Enjeux juridiques et décision de la CEDH
– When the case reached the European Court of Human Rights (ECtHR), several key issues were raised concerning the positive obligations of the Polish authorities under Article 8 of the ECHR — the right to respect for private and family life:
– Effective Enforcement of Orders – Did the authorities ensure the enforcement of custody and contact orders in a meaningful way?
– Timeliness and Diligence – Were the proceedings conducted with sufficient speed and care, given the sensitivity of family matters?
– Measures for Reunification – Did the state take all reasonable steps to facilitate the reunification of mother and child?
– Consequences of Delay and Fragmentation – Did procedural fragmentation and prolonged inaction breach Article 8 rights?
La CEDH a estimé que si le cadre juridique polonais était conforme aux exigences conventionnelles, de graves lacunes existaient dans sa mise en œuvre. Elle a rappelé que les juridictions nationales doivent agir avec une diligence particulière en matière familiale, car chaque retard peut rendre toute réunification impossible.
Principes clés et implications
- Intérêt supérieur de l’enfant
Le principe de l’intérêt supérieur de l’enfant constitue une norme fondamentale en droit interne et international. Si les juridictions polonaises s’y sont référées à plusieurs reprises, leurs actions n’en ont pas assuré la protection concrète. L’inaction prolongée a favorisé l’aliénation de l’enfant vis-à-vis de sa mère, sapant ainsi la protection que les tribunaux étaient censés garantir.
- Obligations positives
La décision réaffirme que les États ont l’obligation positive d’assurer l’exécution effective des décisions relatives à la garde et au contact.
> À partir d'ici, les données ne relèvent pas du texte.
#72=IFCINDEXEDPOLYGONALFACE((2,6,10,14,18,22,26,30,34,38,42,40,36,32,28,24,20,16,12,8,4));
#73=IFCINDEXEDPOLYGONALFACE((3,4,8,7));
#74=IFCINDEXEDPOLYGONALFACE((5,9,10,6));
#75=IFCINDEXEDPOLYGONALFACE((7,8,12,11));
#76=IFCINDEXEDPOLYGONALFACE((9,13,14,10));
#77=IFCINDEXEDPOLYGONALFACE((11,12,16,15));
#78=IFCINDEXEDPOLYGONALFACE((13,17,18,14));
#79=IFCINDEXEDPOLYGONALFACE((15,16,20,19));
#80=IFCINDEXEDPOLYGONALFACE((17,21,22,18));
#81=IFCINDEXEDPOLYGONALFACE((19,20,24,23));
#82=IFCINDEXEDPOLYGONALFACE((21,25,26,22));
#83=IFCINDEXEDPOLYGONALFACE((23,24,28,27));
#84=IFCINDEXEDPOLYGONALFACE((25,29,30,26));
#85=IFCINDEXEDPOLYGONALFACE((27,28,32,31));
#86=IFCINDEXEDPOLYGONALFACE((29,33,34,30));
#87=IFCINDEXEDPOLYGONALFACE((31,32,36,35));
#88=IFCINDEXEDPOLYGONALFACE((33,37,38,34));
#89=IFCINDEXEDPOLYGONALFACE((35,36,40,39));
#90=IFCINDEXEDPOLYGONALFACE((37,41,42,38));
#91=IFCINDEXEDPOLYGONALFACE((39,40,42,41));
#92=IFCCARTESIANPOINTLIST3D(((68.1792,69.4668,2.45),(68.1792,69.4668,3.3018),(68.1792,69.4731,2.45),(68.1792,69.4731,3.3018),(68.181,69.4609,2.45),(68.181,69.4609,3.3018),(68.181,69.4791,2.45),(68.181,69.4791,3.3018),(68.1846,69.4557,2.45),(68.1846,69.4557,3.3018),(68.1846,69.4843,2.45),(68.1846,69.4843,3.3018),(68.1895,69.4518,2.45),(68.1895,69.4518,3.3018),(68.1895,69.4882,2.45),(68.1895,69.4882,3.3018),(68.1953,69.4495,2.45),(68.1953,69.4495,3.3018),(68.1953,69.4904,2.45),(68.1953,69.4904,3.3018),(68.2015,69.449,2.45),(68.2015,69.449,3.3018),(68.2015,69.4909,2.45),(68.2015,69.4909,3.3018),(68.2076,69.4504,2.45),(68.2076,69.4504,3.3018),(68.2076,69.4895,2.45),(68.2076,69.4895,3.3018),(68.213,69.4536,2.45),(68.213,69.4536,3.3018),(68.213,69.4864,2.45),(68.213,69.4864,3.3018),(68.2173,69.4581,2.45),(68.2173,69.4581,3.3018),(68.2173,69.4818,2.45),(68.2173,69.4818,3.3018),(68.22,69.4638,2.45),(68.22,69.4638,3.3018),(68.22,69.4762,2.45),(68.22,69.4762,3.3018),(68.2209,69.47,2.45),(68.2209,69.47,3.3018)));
Permettre qu’un parent contourne impunément les décisions judiciaires revient à affaiblir l’État de droit et les droits consacrés par l’article 8.
- Responsabilité de l’État
L’arrêt L.D. c. Pologne souligne également l’importance de la responsabilité étatique. Les gouvernements doivent non seulement adopter des lois visant à protéger la vie familiale, mais également garantir leur exécution effective. L’inertie procédurale peut en elle-même constituer une violation des droits humains.
- Rôle des tuteurs et des sanctions
La Cour a relevé que les autorités nationales disposent d’outils tels que la désignation de tuteurs ou l’imposition d’amendes pour garantir le respect des décisions judiciaires. Le défaut d’utilisation de ces mécanismes a contribué à la rupture de la relation familiale.
Conclusion
L’affaire L.D. c. Pologne met en lumière les difficultés persistantes liées à l’exécution des décisions familiales et à la protection des droits de l’enfant en Europe. Elle démontre comment, même en présence de lois protectrices, la faiblesse ou la lenteur des mécanismes d’exécution peut rendre ces droits illusoires.
Pour l’ASSEDEL, cette affaire souligne l’urgence de promouvoir une justice rapide, des mécanismes d’exécution efficaces et un engagement ferme à placer l’intérêt supérieur de l’enfant au cœur de toute décision judiciaire. Alors que nous poursuivons notre travail dans des pays tels que la Turquie, la Grèce, l’Italie, l’Allemagne et au-delà, les enseignements de cet arrêt rappellent la nécessité de combler l’écart entre les normes juridiques et la réalité vécue.
En définitive, l’arrêt L.D. c. Pologne nous rappelle qu’en matière de droit de la famille, la justice doit être rapide, empathique et proactive — car chaque jour de retard peut signifier la perte du lien d’un enfant avec un parent, et l’érosion de la confiance dans le système judiciaire lui-même.